Irreversible inhibitors bind by covalent bonds and remain permanently attached — enzyme activity is lost until new enzyme is synthesised. Nerve agents and organophosphate pesticides work this way on acetylcholinesterase.
7.4 Summary Graph — Effect on Rate vs [Substrate]
Key point: competitive inhibition can be overcome by raising the substrate concentration — non-competitive inhibition cannot.
8. End-Product Inhibition
End-product inhibition is a form of metabolic regulation in which the product of a metabolic pathway inhibits an earlier enzyme in the pathway, switching off further synthesis once enough product is present. It is a type of negative feedback.
graph LR
A[Substrate A] -- Enzyme 1 --> B[Intermediate B]
B -- Enzyme 2 --> C[Intermediate C]
C -- Enzyme 3 --> D[Product D]
D -- inhibits --> A_to_B[Enzyme 1]
Classic example: the amino acid isoleucine inhibits threonine deaminase, the first enzyme in its own biosynthesis pathway. When isoleucine levels rise, synthesis is switched off; when they fall, synthesis resumes.
Why is end-product inhibition important?
It prevents waste — the cell does not make more of a product than it needs.
It allows the cell to respond quickly to changes in demand.
It keeps metabolic pathways in balance.
End-product inhibitors are typically non-competitive (allosteric), binding to a site different from the substrate. This allows the regulation to be independent of substrate concentration.
9. Common Exam Mistakes
Saying that increasing temperature always increases the rate. It increases the rate up to the optimum; above that, the enzyme denatures and the rate falls.
Writing "denatured" without explaining that hydrogen and ionic bonds in the tertiary structure are broken and the active site changes shape.

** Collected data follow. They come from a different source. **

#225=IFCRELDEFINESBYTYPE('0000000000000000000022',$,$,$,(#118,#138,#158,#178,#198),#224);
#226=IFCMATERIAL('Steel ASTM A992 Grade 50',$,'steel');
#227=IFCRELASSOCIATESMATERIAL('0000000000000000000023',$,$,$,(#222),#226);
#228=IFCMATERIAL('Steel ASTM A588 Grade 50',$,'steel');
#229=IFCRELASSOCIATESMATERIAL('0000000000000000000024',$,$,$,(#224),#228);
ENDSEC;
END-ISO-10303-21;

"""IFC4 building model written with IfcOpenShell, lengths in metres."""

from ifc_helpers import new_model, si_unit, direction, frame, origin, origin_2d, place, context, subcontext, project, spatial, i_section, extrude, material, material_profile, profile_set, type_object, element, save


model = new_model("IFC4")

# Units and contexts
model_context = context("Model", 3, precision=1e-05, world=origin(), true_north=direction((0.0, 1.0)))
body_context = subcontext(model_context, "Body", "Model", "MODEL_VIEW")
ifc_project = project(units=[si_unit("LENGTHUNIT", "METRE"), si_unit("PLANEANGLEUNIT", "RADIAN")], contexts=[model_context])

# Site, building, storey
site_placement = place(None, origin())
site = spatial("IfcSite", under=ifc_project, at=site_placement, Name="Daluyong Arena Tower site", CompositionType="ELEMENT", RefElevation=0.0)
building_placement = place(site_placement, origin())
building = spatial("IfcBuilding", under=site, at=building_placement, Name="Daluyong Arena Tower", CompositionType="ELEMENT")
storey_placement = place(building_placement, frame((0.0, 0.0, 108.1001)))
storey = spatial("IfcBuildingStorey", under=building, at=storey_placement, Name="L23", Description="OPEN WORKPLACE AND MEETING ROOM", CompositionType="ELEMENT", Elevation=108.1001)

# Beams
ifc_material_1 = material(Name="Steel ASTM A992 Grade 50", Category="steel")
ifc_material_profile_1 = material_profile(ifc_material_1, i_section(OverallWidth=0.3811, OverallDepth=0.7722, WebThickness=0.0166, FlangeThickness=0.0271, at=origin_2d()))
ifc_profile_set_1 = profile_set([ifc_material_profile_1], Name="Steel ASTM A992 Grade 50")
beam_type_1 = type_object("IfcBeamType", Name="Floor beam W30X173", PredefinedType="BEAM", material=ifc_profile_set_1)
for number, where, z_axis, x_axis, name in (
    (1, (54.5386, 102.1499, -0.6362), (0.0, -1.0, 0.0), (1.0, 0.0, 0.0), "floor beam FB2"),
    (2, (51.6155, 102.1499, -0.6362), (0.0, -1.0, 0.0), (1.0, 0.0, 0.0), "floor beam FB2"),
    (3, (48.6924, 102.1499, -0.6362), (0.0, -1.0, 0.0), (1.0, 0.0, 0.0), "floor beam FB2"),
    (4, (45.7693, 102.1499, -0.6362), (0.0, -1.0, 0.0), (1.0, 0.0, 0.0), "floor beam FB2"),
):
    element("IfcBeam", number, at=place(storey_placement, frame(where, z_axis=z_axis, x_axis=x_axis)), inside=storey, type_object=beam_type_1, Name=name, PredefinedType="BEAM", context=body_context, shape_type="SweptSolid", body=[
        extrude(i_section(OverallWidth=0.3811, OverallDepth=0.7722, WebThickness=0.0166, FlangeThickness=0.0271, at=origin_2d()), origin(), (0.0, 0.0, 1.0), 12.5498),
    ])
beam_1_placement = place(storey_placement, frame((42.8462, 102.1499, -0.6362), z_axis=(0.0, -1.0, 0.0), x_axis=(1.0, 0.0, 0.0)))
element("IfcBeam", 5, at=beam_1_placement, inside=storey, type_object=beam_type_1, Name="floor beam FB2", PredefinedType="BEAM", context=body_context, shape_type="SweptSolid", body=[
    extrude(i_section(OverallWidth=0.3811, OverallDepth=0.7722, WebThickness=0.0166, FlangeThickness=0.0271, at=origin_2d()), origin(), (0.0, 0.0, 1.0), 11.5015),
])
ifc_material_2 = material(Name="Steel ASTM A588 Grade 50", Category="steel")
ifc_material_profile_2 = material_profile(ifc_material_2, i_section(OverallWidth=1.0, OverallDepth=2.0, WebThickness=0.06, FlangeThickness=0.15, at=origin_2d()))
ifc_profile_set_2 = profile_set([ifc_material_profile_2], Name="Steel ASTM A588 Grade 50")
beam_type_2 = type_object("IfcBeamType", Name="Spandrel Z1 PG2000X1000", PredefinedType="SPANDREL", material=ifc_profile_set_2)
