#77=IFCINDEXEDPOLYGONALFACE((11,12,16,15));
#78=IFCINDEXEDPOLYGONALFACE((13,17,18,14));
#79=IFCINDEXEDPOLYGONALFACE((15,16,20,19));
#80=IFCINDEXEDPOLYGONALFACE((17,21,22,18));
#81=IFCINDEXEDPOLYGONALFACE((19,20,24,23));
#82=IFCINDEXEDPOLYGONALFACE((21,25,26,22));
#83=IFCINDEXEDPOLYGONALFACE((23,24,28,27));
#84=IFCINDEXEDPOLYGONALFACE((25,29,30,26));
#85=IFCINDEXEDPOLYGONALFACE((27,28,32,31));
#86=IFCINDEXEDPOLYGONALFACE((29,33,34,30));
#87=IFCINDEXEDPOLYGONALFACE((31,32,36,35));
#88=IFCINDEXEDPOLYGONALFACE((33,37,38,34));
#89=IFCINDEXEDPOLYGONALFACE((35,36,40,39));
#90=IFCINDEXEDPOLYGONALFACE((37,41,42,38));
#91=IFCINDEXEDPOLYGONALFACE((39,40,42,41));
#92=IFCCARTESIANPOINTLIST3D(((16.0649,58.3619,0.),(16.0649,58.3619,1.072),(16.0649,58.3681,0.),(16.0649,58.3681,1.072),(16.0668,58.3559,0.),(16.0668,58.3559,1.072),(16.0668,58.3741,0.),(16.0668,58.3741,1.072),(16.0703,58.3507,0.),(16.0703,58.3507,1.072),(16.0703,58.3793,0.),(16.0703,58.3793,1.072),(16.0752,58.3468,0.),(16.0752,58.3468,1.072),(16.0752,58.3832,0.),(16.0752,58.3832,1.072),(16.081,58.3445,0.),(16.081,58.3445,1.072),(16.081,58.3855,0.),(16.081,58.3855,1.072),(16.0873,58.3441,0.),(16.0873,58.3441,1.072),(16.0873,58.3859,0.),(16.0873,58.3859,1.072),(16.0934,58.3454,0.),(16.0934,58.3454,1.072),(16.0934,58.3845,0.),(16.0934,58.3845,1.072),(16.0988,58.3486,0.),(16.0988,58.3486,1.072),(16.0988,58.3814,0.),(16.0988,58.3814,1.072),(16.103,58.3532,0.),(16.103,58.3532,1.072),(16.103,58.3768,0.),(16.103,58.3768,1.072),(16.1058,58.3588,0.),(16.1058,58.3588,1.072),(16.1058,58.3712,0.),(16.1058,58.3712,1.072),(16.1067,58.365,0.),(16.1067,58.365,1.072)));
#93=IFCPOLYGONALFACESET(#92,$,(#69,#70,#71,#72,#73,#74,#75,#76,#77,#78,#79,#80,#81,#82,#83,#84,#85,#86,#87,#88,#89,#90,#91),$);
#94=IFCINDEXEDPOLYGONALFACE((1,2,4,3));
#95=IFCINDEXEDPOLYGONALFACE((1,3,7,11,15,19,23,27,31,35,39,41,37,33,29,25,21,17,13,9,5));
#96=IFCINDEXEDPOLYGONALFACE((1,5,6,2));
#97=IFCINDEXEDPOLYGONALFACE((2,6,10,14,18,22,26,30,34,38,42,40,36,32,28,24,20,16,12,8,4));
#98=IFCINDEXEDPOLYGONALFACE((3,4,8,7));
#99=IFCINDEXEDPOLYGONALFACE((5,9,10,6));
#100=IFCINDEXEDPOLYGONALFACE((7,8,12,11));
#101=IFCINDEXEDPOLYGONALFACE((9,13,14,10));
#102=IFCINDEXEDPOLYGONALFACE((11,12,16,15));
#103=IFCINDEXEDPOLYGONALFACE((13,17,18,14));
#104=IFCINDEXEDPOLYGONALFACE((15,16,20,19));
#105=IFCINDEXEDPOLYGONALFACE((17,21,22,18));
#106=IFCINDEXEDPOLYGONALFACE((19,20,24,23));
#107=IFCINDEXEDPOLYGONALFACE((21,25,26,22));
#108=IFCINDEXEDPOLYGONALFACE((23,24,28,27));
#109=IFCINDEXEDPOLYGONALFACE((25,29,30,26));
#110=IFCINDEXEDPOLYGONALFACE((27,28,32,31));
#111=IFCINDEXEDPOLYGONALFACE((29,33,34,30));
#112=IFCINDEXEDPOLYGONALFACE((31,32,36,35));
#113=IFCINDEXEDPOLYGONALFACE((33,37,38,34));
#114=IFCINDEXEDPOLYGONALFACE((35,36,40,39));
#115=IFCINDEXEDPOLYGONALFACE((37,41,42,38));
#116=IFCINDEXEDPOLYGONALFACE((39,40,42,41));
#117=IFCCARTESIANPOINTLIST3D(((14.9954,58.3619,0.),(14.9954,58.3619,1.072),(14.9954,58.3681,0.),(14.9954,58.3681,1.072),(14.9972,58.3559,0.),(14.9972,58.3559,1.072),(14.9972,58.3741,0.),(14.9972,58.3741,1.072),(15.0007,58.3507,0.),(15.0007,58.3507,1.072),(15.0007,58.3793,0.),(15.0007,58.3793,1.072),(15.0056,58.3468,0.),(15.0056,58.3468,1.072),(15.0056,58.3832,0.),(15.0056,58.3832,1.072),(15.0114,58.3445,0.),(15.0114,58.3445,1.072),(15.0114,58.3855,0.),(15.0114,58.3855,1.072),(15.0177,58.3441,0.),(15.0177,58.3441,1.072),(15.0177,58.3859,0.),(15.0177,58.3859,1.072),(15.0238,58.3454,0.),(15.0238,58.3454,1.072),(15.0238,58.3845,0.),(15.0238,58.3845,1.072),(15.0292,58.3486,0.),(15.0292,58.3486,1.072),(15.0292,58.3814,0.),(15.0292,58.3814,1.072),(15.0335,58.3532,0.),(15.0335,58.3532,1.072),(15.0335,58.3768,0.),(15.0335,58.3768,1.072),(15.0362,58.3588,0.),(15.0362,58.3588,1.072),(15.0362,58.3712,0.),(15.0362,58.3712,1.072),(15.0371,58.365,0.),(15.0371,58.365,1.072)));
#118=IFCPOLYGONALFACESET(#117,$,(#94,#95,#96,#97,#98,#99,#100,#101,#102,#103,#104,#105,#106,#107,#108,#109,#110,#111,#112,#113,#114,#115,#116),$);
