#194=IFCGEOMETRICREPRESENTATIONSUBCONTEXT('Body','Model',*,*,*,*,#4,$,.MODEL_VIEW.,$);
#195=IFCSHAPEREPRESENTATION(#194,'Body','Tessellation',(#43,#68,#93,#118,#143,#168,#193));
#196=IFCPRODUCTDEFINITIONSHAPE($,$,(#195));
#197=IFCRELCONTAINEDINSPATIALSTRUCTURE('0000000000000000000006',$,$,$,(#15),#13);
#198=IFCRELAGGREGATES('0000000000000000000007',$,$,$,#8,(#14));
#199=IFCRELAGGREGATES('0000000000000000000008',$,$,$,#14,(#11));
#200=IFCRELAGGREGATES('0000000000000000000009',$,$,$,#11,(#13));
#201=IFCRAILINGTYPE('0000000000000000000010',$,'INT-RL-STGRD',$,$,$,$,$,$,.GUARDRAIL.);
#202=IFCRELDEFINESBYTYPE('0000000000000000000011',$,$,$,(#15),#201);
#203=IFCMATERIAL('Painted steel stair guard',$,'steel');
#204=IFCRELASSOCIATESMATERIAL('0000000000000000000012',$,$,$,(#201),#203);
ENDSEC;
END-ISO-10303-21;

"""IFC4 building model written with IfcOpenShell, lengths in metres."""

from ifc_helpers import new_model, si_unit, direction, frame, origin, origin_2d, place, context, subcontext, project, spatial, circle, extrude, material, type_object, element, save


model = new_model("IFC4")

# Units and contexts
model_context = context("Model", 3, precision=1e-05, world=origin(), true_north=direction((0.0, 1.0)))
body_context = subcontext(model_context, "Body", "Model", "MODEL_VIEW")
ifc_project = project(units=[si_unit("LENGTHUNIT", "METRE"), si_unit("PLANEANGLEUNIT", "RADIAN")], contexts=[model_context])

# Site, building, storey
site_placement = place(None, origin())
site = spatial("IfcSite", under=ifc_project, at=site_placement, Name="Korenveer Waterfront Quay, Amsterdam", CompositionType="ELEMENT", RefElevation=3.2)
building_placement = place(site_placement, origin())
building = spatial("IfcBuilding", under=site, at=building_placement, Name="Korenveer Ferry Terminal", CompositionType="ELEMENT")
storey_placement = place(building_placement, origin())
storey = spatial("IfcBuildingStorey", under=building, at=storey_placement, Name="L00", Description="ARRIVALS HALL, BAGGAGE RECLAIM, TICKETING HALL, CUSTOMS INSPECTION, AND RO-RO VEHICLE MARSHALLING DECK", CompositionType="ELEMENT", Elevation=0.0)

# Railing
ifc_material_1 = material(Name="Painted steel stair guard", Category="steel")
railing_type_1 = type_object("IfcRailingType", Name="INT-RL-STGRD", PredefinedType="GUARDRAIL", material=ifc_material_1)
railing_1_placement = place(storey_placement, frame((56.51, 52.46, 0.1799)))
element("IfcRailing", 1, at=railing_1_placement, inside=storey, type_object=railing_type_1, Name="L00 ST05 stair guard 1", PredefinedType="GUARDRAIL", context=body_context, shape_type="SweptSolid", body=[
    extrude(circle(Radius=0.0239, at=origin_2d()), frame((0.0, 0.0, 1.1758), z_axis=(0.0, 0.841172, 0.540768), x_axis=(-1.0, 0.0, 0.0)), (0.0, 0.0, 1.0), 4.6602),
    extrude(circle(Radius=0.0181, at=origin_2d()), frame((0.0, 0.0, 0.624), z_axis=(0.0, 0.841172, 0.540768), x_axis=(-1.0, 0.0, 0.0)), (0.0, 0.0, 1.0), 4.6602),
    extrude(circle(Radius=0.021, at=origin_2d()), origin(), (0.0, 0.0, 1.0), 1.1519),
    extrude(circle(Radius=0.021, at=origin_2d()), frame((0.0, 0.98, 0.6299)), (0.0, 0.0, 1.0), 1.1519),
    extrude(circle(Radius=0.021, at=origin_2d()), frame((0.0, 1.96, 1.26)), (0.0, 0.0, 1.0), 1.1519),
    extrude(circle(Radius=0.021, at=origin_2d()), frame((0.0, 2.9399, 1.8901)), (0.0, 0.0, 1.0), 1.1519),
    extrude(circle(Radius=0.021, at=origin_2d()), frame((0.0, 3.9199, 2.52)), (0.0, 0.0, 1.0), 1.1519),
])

Confusing coenzymes and prosthetic groups. Coenzymes shuttle between enzymes; prosthetic groups are permanently bound.
Saying a competitive inhibitor "changes the shape of the active site". It does not — it physically blocks the active site by binding there. Non-competitive inhibitors change the shape of the active site.
Saying high substrate concentration can "overcome" any type of inhibition. Only competitive inhibition can be outcompeted.
Forgetting that end-product inhibition is usually a form of non-competitive inhibition.
Writing that enzyme concentration always limits the rate. If substrate is limiting, adding more enzyme will not increase the rate.